Un imperativo categorico.

Parlate della mafia.Parlatene alla radio, in televisione, sui giornali.Pero’ parlatene.” Cosi’ diceva Paolo Borsellino, e questo  è un comportamento da considerare morale in modo categorico.

Continua la discussione iniziata qui

, con una lettera di Fernanda Gigliotti:

(fonte foto )

“”Chi ha paura di un Roberto Saviano?

Il Presidente Berlusconi, questa estate, si è irresponsabilmente intrattenuto nella dimostrazione di un teorema pericoloso ed inquietante, secondo cui il problema della Regione Campania non è la Camorra ma Saviano che l’ha resa famosa. Se questo metodo di analisi e di sintesi fosse esportato nel campo della medicina dovremmo concludere che non è il cancro ad essere una malattia mortale per l’uomo, ma quel fetente di medico che lo ha individuato e tutti quei delinquenti di untori che si sono impegnati nel ricercarne una cura.

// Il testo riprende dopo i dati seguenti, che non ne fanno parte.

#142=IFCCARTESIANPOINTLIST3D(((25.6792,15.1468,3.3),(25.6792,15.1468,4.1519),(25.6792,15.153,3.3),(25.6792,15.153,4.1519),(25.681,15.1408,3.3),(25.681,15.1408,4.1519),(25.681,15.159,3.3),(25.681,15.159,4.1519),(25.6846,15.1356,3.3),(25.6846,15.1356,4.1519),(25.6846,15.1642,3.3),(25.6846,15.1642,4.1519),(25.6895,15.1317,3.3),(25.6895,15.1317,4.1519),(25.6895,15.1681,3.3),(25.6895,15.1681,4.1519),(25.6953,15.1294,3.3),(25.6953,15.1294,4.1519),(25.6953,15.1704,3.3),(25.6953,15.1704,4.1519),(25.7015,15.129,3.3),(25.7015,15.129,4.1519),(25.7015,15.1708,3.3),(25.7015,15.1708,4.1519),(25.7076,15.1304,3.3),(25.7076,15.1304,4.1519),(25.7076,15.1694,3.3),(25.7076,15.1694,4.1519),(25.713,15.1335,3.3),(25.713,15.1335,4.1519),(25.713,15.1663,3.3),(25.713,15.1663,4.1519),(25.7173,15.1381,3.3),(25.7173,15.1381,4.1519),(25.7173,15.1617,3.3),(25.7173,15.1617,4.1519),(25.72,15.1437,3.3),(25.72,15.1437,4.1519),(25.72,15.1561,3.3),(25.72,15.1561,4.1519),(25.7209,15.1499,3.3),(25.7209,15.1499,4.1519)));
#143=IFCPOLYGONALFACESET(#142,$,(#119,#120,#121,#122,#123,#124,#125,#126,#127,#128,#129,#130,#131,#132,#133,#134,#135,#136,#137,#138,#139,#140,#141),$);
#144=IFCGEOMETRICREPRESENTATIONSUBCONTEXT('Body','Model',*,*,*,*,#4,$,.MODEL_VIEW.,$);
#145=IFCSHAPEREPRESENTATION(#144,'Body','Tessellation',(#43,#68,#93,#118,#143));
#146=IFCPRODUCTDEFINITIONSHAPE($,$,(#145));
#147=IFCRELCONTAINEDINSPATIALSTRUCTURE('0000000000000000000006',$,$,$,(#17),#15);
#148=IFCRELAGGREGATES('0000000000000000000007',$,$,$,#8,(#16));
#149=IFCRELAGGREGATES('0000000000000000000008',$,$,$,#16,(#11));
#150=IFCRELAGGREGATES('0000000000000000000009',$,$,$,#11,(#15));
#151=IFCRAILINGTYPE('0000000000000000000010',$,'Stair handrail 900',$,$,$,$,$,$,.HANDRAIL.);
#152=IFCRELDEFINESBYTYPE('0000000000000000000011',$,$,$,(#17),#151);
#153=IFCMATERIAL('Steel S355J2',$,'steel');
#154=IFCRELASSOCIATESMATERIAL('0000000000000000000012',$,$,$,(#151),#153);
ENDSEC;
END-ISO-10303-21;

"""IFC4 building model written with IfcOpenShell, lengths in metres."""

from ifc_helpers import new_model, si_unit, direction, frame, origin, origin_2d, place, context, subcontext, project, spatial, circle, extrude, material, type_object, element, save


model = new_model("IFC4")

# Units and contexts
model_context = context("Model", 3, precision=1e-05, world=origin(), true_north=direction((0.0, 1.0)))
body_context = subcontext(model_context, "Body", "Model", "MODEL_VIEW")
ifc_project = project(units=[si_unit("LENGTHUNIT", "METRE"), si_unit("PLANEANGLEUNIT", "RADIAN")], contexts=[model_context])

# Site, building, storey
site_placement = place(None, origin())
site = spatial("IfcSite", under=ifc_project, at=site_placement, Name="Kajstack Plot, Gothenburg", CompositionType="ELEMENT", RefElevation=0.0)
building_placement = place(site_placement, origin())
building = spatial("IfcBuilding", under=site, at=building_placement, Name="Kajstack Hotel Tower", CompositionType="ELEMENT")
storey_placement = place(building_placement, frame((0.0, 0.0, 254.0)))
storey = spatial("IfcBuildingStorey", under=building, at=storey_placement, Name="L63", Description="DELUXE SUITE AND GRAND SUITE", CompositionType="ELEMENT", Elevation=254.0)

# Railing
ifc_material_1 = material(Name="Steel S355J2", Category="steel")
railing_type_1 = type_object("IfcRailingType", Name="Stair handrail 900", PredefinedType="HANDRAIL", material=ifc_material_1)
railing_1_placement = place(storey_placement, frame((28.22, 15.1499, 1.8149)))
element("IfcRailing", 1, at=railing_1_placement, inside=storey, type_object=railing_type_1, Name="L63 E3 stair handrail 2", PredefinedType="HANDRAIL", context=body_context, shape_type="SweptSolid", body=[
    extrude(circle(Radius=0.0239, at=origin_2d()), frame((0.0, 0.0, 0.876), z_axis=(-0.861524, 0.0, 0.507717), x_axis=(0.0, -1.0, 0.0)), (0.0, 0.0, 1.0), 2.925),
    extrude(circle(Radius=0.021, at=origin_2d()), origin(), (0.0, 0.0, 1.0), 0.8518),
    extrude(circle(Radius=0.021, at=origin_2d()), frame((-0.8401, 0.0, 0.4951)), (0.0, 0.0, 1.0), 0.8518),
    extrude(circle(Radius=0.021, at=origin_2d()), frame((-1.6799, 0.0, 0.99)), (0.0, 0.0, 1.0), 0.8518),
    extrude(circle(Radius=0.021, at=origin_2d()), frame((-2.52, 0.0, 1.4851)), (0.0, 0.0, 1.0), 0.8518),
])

Questa nuova corrente filosofica-politica-culturale sta conquistando adepti ovunque. Anche in Calabria. E da qualche mese in Calabria, complice il caldo agostano e un ritrovato orgoglio regionale, imperversa un’orda di “pensatori a ruota libera” che, tra le altre cose, considera spregevole l’attenzione di Saviano verso la Calabria in quanto, sempre a giudizio dell’orda, rappresenta solo un’operazione di marketing editoriale dell’autore di Gomorra interessato a costruire, alle spalle della Calabria e dei calabresi onesti, un nuovo best seller. Anche a giudizio di questi nuovi PR della buona calabresità, infatti, il nostro problema non è la ndrangheta, ma chi ne parla. E se quest’ultimo dovesse essere un “non calabrese”, come Saviano che è notoriamente un cittadino della Campania, è responsabile di un complotto, di un sabotaggio, di un vilipendio nei confronti di quella Calabria sana e produttiva, che pur esiste.

Una moderna applicazione, quindi, di un arcaico ius sanguinis, secondo cui “della Calabria dovrebbero scrivere i calabresi”. E perchè non anche altri? E’ cos’è la calabresità che ti autorizza, legittimandoti, a scrivere della Calabria? La patente che ti accredita in Calabria e nel resto di Italia? E come si diventa calabrese idoneo a parlare e scrivere di ndrangheta? Occorre essere calabresi di nascita o basta essere cresciuti in Calabria? Oppure è bastevole avere soltanto delle radici? O addirittura occorre essere calabresi, nati e pasciuti in Calabria e magari anche affiliati ad una ndrina?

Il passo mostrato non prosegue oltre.